Statement 23: Validate, assess, and update model
Agencies must
Criterion 84: Set techniques to validate AI trained models.
There are multiple qualitative and quantitative techniques and tools for model validation, informed by the AI system success criteria (see Design section), including:
- correct classifications, predictions or forecasts, and factual correctness and relevance
- identify between positive and negative instances, and distinguish between classes
- benchmarking
- consistency in responses, clarity and coherence
- source attribution
- data-centric validation approaches for GenAI models.
Criterion 85: Evaluate the model against training boundaries.

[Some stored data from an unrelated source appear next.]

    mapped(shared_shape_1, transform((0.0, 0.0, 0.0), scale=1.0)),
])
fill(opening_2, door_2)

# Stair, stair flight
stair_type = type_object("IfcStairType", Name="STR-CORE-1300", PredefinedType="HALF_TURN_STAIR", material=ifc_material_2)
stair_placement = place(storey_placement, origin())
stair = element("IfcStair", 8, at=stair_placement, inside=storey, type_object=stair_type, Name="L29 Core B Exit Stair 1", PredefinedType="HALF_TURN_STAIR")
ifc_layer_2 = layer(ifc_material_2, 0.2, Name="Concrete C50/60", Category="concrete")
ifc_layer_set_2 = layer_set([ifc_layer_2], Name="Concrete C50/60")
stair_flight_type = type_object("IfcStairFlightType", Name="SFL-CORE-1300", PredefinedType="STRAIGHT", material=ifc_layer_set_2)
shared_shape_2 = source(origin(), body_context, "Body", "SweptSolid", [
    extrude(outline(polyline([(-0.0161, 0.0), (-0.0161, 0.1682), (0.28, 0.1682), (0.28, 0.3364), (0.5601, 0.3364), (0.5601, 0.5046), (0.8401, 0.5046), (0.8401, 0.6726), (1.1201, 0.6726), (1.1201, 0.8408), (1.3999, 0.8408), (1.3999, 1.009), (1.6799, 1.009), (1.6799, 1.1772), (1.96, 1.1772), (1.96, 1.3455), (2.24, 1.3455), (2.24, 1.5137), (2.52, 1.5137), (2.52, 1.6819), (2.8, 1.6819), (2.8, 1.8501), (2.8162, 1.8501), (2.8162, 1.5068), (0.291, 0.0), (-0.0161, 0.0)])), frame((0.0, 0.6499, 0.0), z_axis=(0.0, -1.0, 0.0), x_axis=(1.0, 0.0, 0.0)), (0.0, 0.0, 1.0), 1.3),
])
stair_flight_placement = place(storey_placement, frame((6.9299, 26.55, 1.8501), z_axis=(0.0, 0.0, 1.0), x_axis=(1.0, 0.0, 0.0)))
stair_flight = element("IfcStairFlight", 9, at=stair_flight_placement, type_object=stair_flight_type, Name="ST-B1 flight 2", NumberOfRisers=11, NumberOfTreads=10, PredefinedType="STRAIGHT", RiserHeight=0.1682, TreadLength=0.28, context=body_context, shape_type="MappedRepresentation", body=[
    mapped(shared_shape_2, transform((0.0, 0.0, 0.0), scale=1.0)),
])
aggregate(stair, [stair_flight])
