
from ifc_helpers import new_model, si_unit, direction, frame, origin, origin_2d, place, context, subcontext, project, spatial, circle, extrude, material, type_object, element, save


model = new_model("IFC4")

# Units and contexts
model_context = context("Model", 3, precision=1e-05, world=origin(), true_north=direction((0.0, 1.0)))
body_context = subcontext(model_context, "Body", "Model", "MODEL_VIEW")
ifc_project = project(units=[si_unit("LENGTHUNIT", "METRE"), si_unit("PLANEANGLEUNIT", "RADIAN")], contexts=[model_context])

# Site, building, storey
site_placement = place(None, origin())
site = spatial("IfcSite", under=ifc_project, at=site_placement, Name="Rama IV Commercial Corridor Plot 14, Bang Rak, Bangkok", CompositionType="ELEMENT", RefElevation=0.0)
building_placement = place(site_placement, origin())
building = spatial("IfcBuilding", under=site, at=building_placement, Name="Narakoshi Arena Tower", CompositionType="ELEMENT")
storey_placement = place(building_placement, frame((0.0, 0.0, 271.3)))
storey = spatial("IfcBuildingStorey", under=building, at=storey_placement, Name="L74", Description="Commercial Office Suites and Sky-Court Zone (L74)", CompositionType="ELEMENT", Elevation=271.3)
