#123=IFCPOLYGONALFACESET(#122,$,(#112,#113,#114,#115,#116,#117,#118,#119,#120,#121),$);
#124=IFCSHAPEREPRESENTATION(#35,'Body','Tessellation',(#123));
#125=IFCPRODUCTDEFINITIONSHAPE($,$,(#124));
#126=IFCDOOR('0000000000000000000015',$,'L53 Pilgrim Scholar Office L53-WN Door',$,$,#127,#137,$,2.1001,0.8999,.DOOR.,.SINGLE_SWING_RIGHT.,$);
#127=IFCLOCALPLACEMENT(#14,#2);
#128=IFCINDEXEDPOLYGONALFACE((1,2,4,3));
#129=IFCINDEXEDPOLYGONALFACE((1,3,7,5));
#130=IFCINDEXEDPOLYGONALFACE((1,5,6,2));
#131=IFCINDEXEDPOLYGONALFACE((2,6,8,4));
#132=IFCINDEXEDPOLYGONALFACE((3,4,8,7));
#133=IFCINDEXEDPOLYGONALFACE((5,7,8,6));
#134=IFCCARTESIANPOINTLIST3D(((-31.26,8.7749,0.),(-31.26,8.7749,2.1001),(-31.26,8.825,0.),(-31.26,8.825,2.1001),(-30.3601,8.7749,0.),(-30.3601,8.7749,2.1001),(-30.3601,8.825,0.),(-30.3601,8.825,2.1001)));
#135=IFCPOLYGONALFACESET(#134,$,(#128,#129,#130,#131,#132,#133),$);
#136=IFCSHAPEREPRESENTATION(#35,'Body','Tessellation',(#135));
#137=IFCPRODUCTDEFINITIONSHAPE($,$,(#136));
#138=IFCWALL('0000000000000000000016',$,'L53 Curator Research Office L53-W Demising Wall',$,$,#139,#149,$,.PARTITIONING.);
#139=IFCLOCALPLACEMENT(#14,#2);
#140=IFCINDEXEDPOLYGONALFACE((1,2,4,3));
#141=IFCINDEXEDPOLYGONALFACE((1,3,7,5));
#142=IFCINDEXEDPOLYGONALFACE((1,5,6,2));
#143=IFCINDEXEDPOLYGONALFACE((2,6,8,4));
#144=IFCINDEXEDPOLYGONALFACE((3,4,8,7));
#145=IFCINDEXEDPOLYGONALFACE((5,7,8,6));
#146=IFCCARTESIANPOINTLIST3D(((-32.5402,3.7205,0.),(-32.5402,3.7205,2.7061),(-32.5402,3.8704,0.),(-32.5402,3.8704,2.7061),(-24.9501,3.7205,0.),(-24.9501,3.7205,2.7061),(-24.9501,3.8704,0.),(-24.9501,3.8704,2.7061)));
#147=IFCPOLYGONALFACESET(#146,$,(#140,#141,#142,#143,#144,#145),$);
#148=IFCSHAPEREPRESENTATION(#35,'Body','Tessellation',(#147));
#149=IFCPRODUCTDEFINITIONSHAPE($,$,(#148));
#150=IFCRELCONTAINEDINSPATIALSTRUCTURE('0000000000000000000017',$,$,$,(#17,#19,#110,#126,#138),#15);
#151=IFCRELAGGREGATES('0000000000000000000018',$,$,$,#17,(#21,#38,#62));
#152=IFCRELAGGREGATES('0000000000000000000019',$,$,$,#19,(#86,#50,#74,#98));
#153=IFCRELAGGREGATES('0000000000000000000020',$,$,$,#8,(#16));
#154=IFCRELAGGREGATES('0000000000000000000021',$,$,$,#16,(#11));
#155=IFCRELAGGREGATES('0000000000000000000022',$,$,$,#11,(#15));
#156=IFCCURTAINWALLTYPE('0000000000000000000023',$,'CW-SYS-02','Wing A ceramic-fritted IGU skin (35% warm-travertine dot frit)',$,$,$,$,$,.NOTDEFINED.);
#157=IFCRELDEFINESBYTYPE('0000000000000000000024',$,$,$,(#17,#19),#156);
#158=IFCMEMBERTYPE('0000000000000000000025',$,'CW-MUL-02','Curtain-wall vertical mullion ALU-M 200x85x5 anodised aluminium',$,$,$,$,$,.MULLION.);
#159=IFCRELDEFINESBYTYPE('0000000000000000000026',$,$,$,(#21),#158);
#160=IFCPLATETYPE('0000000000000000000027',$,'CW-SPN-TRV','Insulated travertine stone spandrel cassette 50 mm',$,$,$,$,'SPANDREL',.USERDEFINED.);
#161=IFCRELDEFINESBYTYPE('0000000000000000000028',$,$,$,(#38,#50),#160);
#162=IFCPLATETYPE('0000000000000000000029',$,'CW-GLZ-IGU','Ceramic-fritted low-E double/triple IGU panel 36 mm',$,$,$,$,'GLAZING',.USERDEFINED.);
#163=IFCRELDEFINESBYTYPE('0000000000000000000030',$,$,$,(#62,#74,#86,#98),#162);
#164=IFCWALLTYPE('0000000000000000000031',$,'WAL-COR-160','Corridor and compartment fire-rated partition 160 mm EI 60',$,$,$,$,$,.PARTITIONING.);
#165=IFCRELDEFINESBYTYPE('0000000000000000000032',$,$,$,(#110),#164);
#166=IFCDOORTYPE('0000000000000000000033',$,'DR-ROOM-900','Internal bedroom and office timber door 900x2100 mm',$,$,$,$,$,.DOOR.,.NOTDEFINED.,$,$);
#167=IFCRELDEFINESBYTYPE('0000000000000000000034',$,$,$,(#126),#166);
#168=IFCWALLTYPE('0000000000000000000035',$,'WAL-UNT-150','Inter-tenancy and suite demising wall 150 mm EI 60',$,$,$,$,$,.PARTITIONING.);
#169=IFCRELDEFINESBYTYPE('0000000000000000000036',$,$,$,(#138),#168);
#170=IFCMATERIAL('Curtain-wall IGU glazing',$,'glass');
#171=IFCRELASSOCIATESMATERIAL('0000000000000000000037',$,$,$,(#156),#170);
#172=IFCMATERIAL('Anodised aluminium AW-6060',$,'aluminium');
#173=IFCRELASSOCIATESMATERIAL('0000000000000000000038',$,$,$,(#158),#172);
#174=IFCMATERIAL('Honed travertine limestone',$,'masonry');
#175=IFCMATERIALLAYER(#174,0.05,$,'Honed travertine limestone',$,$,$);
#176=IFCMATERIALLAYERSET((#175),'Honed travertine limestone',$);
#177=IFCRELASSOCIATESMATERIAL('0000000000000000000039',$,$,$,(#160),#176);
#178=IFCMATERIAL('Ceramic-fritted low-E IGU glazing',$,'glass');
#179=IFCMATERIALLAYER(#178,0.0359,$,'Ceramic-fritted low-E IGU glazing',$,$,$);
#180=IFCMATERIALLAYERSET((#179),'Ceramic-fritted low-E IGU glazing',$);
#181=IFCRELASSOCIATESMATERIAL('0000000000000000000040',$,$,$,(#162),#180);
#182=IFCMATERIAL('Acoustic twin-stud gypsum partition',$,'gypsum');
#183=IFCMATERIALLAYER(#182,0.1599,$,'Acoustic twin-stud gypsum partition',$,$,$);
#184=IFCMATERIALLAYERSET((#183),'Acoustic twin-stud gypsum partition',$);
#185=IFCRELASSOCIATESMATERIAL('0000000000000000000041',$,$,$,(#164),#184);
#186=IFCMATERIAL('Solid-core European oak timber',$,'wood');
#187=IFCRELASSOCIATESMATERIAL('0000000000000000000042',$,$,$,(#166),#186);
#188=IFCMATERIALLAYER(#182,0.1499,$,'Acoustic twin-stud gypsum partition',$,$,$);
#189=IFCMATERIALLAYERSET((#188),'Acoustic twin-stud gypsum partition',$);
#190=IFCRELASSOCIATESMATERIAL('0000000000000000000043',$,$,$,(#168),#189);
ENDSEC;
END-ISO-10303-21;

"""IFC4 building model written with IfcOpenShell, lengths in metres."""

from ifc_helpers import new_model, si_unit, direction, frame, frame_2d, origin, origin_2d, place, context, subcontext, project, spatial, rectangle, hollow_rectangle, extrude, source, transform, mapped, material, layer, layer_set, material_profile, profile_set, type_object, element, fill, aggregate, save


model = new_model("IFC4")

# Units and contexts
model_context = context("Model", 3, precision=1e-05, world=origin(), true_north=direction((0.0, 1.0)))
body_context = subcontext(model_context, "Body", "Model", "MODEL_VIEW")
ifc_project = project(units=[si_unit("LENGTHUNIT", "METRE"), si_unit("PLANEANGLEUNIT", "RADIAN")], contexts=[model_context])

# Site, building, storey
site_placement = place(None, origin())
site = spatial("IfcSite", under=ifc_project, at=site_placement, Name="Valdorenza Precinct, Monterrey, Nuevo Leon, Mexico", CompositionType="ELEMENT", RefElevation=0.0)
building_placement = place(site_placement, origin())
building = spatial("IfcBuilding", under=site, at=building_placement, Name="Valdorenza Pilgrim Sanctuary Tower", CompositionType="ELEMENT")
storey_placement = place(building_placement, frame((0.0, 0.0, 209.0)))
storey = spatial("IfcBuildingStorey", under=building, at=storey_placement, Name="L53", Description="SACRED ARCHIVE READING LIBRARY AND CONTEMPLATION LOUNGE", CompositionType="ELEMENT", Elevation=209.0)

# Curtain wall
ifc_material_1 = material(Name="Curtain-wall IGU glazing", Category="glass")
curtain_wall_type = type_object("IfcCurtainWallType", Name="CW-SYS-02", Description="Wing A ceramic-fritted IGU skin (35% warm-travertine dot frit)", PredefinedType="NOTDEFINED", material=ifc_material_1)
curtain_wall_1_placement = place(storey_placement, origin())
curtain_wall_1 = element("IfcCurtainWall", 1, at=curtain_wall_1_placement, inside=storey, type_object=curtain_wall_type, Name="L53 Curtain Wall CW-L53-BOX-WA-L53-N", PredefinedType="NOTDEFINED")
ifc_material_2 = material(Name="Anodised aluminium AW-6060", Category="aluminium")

Evaluation considerations include:
- poor or degraded performance of the model
- change of AI context or operational setting
- data retention policies
- model retention policies.
Criterion 86: Evaluate the model for bias, implement and test bias mitigations.
This includes:
- using suitable tools that test and discover unwarranted associations between an algorithm’s protected input features and its output
- evaluating performance across suitable and intersectional dimensions
- checking if bias could be managed through updating the training data (see Statement 18 )
- implementing bias mitigation thresholds that can be configured post-deployment
- implementing pre-processing or post-processing techniques such as disparate impact remover, equalised odds post-processing, content filtering, and RAG.
Agencies should
Criterion 87: Identify relevant model refinement methods.
These considerations may trigger model refinement or retirement and can include:
- model parameter or weight adjustments – further training or re-training the model on a new set of observations, or additional training data
- adjusting data pre-processing or post-processing components
- model pruning – to reduce redundant mathematical calculations and speed up operations.